There is considerable evidence in support of this theory, including:

● Morning sickness is very common among pregnant women, which argues in favor of it being a functional adaptation and against the idea that it is a pathology.
● Fetal vulnerability to toxins peaks at around 3 months, which is also the time of peak susceptibility to morning sickness.
● There is a good correlation between toxin concentrations in foods, and the tastes and odors that cause revulsion.
● Women who have no morning sickness are more likely to miscarry or to bear children with birth defects.

In addition to protecting the fetus, morning sickness may also protect the mother. Pregnant women's immune systems are suppressed during pregnancy, presumably to reduce the chances of rejecting tissues of their own offspring. Because of this, animal products containing parasites and harmful bacteria can be especially dangerous to pregnant women. There is evidence that morning sickness is often triggered by animal products including meat and fish.

If morning sickness is a defense mechanism against the ingestion of toxins, the prescribing of anti-nausea medication to pregnant women may have the undesired side effect of causing birth defects or miscarriages by encouraging harmful dietary choices. On the other hand, many domestic vegetables have been purposely bred to have lower levels of toxins than in the distant past, and so the level of threat to the embryo may not be as high as it was when the defense mechanism first evolved.

Treatments

Teatments for morning sickness typically aim to lessen the symptoms of nausea, rather than attacking the root cause(s) of the nausea. Treatments include:

● Lemons, particularly the smelling of freshly cut lemons.
● Avoiding an empty stomach.
● Accommodating food cravings and aversions.
● Eating five or six small meals per day, rather than three large ones.
● Eating cabbage.
● Trying the BRAT diet: bananas, rice, applesauce, toast and tea.
● Ginger, in capsules, tea, ginger ale, or ginger snaps.
● Eating dry crackers in the morning.
● Drinking liquids 30 to 45 minutes after eating solid food.
● If liquids are vomited, sucking ice cubes made from water or fruit juice or trying lollipops.
● Vitamin B6 (either pyridoxine or pyridoxamine), often taken in combination with the antihistamine doxylamine (Diclectin).

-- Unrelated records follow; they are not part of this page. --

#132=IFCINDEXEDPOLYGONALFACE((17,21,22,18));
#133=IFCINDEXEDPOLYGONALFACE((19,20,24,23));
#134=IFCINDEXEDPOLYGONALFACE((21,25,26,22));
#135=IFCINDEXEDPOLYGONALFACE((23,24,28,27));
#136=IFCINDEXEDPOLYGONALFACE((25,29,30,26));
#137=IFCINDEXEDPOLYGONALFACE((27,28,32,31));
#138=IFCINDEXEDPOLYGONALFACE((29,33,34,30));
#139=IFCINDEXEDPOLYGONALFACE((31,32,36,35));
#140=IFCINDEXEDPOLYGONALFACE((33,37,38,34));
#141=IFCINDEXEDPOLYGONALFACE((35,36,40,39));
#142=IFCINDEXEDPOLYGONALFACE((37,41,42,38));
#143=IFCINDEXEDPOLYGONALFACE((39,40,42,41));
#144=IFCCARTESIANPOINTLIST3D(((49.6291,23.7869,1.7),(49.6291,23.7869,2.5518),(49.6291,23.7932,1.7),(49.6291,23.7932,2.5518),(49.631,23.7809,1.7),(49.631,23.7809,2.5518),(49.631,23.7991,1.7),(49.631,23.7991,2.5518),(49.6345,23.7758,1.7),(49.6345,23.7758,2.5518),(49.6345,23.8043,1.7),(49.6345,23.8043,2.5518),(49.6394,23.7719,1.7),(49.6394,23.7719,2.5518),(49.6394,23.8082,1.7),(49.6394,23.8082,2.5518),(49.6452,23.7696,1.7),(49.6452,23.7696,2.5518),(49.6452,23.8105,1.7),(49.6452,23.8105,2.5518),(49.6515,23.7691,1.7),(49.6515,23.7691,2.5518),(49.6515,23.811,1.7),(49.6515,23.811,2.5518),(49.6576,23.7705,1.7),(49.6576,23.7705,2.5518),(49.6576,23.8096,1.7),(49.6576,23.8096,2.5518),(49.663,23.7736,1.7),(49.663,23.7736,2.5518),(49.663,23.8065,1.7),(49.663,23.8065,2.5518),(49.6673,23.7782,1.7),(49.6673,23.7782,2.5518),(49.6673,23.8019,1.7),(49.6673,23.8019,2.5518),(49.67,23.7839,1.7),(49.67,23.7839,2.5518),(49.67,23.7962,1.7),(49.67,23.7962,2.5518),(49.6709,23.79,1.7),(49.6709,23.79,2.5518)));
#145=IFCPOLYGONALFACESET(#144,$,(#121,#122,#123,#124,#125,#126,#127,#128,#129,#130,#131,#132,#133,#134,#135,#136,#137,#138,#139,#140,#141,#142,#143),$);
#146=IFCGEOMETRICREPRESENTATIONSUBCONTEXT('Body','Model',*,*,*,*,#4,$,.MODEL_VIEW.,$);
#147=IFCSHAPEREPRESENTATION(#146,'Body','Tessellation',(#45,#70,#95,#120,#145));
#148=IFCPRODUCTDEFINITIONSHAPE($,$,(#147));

A doctor may prescribe anti-nausea medications if the expectant mother suffers from dehydration or malnutrition as a result of her morning sickness, a condition known as hyperemesis gravidarum. In the US, Zofran (ondansetron) is the usual drug of choice, though the high cost is prohibitive for some women; in the UK, older drugs with which there is a greater experience of use in pregnancy are preferred, with first choice being promethazine otherwise as second choice metoclopramide, or prochlorperazine.